Aside from the energetic pacing and the various farcical incidents, some right out of the Keystone Kops silent flicks, Ralph Fiennes carries the movie, managing to convey a good deal of charm and humor even in moments of pathos and some decidedly uncomical violence. His constant patter about the duties of a concierge and his staff and the obligations of service in a grand hotel makes an amusing counterpoint to the situations he faces, including his desperate escapes and his time in prison. As his loyal, devoted lobby boy, young Tony Revolori, projecting a sweet innocence, assists him ably, both as character and as performer.

The picture mixes its assorted elements in some unusual ways beyond its exaggerated farce.

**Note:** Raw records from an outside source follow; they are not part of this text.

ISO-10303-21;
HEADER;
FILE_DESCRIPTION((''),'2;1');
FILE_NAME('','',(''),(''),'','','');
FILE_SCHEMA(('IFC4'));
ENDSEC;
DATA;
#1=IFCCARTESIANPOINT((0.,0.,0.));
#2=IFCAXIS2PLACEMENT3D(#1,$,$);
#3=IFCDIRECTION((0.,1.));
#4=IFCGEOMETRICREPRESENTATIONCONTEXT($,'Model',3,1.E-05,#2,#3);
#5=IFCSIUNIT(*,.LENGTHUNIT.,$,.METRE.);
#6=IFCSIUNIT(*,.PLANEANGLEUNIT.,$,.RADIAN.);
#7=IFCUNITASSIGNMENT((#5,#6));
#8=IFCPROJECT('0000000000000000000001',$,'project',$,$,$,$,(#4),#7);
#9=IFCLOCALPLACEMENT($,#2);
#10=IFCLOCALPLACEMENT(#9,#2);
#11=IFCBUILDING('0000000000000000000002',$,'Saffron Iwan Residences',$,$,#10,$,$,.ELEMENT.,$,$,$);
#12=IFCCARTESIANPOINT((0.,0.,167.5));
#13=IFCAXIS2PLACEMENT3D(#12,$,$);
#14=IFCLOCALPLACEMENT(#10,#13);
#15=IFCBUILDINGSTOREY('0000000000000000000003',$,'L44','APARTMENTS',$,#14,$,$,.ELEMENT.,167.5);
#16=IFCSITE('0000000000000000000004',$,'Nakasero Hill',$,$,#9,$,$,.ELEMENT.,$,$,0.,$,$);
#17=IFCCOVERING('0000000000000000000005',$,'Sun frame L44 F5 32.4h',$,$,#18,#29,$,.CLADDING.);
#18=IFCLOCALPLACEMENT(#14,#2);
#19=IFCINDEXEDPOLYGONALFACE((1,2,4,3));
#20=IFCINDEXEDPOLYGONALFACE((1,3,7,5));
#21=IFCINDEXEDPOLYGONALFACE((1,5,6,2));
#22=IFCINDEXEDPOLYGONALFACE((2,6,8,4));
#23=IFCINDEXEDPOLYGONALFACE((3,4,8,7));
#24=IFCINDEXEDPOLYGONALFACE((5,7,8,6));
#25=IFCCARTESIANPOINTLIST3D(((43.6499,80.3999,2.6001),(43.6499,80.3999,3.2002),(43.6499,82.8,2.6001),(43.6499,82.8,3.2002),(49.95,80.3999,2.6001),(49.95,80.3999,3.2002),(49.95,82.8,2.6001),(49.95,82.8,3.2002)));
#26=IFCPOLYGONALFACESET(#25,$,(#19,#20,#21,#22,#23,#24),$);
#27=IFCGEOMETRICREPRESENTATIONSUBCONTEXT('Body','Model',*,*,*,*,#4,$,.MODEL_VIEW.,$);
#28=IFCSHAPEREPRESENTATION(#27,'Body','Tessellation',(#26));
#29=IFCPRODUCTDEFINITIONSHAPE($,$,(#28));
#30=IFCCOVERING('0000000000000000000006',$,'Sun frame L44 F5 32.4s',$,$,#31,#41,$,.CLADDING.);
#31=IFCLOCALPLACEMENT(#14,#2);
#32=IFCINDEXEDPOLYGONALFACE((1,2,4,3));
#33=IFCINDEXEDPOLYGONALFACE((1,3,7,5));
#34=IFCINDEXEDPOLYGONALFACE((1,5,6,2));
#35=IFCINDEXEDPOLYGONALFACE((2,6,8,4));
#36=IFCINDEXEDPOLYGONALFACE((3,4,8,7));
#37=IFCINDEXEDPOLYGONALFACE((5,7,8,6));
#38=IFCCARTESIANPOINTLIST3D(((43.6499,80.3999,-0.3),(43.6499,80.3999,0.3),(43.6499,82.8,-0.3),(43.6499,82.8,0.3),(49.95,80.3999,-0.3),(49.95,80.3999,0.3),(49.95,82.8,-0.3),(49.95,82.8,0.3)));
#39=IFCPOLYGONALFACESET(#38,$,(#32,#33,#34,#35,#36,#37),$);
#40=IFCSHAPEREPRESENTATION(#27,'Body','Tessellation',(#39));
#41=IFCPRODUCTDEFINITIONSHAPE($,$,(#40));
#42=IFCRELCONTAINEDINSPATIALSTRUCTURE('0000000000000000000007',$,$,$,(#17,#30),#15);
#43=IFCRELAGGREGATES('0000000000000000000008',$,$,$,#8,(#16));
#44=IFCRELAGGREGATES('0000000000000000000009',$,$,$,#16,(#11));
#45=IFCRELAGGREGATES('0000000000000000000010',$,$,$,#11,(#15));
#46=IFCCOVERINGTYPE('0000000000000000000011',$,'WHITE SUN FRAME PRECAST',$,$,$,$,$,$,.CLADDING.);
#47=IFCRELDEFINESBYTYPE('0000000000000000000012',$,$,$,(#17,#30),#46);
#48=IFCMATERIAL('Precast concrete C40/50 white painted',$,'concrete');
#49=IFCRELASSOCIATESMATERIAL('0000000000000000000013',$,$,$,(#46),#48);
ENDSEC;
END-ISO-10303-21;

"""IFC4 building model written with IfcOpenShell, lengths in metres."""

from ifc_helpers import new_model, si_unit, direction, frame, origin, place, context, subcontext, project, spatial, polyline, outline, extrude, material, type_object, element, save


model = new_model("IFC4")

# Units and contexts
model_context = context("Model", 3, precision=1e-05, world=origin(), true_north=direction((0.0, 1.0)))
body_context = subcontext(model_context, "Body", "Model", "MODEL_VIEW")
ifc_project = project(units=[si_unit("LENGTHUNIT", "METRE"), si_unit("PLANEANGLEUNIT", "RADIAN")], contexts=[model_context])

# Site, building, storey
site_placement = place(None, origin())
site = spatial("IfcSite", under=ifc_project, at=site_placement, Name="Nakasero Hill", CompositionType="ELEMENT", RefElevation=0.0)
building_placement = place(site_placement, origin())
building = spatial("IfcBuilding", under=site, at=building_placement, Name="Saffron Iwan Residences", CompositionType="ELEMENT")
storey_placement = place(building_placement, frame((0.0, 0.0, 167.5)))
storey = spatial("IfcBuildingStorey", under=building, at=storey_placement, Name="L44", Description="APARTMENTS", CompositionType="ELEMENT", Elevation=167.5)

# Coverings
ifc_material_1 = material(Name="Precast concrete C40/50 white painted", Category="concrete")
covering_type_1 = type_object("IfcCoveringType", Name="WHITE SUN FRAME PRECAST", PredefinedType="CLADDING", material=ifc_material_1)
for number, where, z_axis, x_axis, name in (
    (1, (49.95, 80.3999, 2.6001), (0.0, 1.0, 0.0), (-1.0, 0.0, 0.0), "Sun frame L44 F5 32.4h"),
    (2, (49.95, 80.3999, -0.3), (0.0, 1.0, 0.0), (-1.0, 0.0, 0.0), "Sun frame L44 F5 32.4s"),
):
    element("IfcCovering", number, at=place(storey_placement, frame(where, z_axis=z_axis, x_axis=x_axis)), inside=storey, type_object=covering_type_1, Name=name, PredefinedType="CLADDING", context=body_context, shape_type="SweptSolid", body=[
        extrude(outline(polyline([(0.0, 0.0), (6.3, 0.0), (6.3, 0.6001), (0.0, 0.6001), (0.0, 0.0)])), origin(), (0.0, 0.0, 1.0), 2.4001),
    ])

save(model, "model.ifc")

In addition to its humorous lines, actions, and situations, for example, it includes a number of quite surprising acts of brutality -- the fatal stabbing of four prison guards, an amputation, a strangulation in a confessional, and the beheading of an innocent young woman, hardly the normal stuff of comedy.

The sets create an appropriate background for the story's time and place, with the Victorian/baroque interiors of the Grand Budapest Hotel, the labyrinthine corridors and staircases of Madame D.'s castle, and the enormously complicated escape route of Gustave H. and his fellow prisoners. At the same time, most of the establishing shots and the exterior action scenes, whether intentionally or not, suggest a Disney cartoon, with flat, painted backgrounds, pastel colors, and buildings that look like cardboard cutouts. The picture looks good and maintains a persistent energy throughout, most of it the result of the character of Gustave H. and its fine sense of pacing; even for someone who is not at all a Wes Anderson fan, like the present writer, "The Grand Budapest Hotel" provides a more consistently entertaining experience than any of his previous pictures.